Updated on June 14, 2022

Comments

M9A almost 2 years

My program uses Math.pow() to compute a relatively large double number to the power of 2. Later on I need to find the square root of a very large double number. The problem is, I have to do this over a 100,000 times and it is taking really long. Is there any alternative that can speed this process up? Thanks

Edit: By large numbers I mean between 1000 to 10000 (So probably not that large in computing terms). And in terms of it taking a long time, it takes about 30 secs to do the function 500 times
M9A about 11 years

Well it involves the Euclidean distance formula so I cant avoid it
John Dvorak about 11 years

@Matt9Atkins do you really need the euclidean distance? You could use its square for comparisons...
Oleksi about 11 years

Well there are still options for speeding this up. Do you need the actual distance, or are you just comparing them?

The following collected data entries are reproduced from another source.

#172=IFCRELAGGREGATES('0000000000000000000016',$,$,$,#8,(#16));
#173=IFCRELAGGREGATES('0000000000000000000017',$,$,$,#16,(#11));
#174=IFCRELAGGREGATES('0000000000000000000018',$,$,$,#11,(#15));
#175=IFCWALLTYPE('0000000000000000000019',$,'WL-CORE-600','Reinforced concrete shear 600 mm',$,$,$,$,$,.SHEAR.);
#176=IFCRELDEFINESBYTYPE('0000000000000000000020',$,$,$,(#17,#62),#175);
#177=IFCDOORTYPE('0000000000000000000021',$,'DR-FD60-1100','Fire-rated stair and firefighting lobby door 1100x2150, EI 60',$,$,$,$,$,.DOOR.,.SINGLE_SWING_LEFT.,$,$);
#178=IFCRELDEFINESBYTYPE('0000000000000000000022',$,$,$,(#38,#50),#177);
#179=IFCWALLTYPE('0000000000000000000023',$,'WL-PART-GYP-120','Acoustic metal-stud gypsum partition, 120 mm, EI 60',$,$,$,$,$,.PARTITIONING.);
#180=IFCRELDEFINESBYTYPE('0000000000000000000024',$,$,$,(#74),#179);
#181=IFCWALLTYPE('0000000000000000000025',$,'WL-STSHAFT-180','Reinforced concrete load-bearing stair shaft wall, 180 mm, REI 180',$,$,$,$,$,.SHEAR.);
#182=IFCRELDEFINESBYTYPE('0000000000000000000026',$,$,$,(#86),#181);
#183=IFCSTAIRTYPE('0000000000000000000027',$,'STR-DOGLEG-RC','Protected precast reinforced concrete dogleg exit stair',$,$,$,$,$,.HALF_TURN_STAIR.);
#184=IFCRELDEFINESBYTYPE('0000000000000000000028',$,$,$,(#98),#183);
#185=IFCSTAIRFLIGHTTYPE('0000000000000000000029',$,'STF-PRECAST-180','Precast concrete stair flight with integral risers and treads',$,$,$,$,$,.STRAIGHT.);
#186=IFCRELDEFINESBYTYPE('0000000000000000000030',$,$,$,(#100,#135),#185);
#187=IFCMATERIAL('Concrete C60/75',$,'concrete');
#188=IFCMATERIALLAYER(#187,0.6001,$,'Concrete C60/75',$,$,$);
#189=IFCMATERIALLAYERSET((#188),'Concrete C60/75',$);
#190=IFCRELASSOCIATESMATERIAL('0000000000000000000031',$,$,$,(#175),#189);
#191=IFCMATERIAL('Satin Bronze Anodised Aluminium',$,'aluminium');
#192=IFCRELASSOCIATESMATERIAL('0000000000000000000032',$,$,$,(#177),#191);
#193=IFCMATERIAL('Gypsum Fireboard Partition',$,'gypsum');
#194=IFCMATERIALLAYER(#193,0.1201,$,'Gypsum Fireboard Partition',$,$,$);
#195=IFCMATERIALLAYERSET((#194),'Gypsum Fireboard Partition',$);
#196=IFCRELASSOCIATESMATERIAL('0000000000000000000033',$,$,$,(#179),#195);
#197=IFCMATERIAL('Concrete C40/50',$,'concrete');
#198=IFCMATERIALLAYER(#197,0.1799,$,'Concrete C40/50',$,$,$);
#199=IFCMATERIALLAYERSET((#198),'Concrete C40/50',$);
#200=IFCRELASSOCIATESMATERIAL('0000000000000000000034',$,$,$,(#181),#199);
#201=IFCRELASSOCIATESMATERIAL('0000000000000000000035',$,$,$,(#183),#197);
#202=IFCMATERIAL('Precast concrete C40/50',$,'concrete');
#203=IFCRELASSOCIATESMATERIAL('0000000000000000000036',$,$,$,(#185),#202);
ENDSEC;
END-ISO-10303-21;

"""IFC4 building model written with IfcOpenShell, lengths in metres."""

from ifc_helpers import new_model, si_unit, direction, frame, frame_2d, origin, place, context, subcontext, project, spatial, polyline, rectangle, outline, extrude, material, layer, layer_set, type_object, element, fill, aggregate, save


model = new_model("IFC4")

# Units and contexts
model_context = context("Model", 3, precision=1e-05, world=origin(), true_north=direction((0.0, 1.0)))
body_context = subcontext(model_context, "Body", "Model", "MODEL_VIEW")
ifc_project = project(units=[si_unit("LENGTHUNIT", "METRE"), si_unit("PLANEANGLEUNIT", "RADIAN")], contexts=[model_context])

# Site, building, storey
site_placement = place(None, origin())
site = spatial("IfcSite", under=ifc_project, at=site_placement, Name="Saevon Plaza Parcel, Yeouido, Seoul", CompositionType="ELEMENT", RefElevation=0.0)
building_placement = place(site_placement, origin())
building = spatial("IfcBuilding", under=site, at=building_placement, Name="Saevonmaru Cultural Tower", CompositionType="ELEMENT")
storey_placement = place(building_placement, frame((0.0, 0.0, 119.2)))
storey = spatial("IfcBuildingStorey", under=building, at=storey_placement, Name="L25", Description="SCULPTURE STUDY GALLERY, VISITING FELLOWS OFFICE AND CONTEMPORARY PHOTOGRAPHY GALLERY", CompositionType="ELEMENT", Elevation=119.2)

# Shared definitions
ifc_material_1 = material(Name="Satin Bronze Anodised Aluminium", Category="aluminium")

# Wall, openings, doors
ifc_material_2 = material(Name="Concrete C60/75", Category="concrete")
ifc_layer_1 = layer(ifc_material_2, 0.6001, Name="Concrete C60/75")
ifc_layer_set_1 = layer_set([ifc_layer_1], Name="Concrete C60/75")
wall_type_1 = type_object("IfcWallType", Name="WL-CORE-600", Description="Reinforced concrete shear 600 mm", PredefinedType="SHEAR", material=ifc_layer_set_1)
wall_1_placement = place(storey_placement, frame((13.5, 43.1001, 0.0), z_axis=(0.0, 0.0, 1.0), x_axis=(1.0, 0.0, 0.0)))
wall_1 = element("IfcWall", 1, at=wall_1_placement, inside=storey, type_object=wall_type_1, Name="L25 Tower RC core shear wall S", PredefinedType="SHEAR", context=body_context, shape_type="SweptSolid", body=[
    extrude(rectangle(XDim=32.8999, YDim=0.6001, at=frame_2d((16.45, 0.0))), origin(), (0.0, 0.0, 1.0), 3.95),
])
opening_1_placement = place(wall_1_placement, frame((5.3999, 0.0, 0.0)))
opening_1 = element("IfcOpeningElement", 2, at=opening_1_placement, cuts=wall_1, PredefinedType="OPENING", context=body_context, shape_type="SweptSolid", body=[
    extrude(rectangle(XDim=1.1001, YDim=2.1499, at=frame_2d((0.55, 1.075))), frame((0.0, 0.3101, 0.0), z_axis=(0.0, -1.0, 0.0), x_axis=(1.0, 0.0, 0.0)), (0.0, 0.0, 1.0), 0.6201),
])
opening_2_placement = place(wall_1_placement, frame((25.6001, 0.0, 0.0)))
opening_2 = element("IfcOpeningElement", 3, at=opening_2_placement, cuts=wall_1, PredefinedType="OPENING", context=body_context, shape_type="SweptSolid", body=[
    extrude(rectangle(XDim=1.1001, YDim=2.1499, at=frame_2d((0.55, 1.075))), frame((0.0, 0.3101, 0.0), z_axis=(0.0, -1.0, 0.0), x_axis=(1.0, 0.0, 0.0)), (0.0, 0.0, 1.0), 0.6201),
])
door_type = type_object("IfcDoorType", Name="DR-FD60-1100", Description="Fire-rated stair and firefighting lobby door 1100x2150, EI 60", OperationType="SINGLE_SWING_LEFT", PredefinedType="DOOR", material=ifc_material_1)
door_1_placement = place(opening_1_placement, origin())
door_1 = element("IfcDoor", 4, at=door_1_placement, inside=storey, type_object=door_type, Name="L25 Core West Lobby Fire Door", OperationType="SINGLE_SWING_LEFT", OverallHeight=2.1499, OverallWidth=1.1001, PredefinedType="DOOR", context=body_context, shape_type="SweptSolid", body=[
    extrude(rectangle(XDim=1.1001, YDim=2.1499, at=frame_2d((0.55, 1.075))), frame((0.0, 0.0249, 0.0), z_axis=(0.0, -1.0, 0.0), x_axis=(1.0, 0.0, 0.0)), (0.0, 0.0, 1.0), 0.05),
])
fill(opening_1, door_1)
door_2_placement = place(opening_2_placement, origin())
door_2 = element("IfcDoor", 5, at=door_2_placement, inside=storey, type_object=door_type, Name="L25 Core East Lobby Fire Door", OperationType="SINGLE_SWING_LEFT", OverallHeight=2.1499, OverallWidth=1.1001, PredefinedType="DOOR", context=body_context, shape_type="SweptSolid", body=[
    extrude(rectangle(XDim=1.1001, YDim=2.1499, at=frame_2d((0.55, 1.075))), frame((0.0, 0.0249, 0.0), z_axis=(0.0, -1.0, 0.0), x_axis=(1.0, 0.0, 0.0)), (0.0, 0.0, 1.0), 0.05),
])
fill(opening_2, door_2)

If you're just comparing them, you can avoid the square root part.
John Dvorak about 11 years

@Oleksi I guess what the other answer suggests is a speed improvement over Math.pow(x, 2)
M9A about 11 years

@Oleksi - I will need the actual computed distances as I will need to compare them at the end
Oleksi about 11 years

If you need to compare them, then will get the same result if you leave the distances in the not square root form! Note that if x < y, then sqrt(x) < sqrt(y) and vise versa. This can really speed up your program!
NovaDenizen about 11 years

Surely you mean you can use x*x instead of pow(x,2). And yes, it is certainly better to calculate it as x*x.
Tuupertunut over 6 years

Have you tried Math.hypot(x, y) which is designed specifically to solve the Euclidean distance?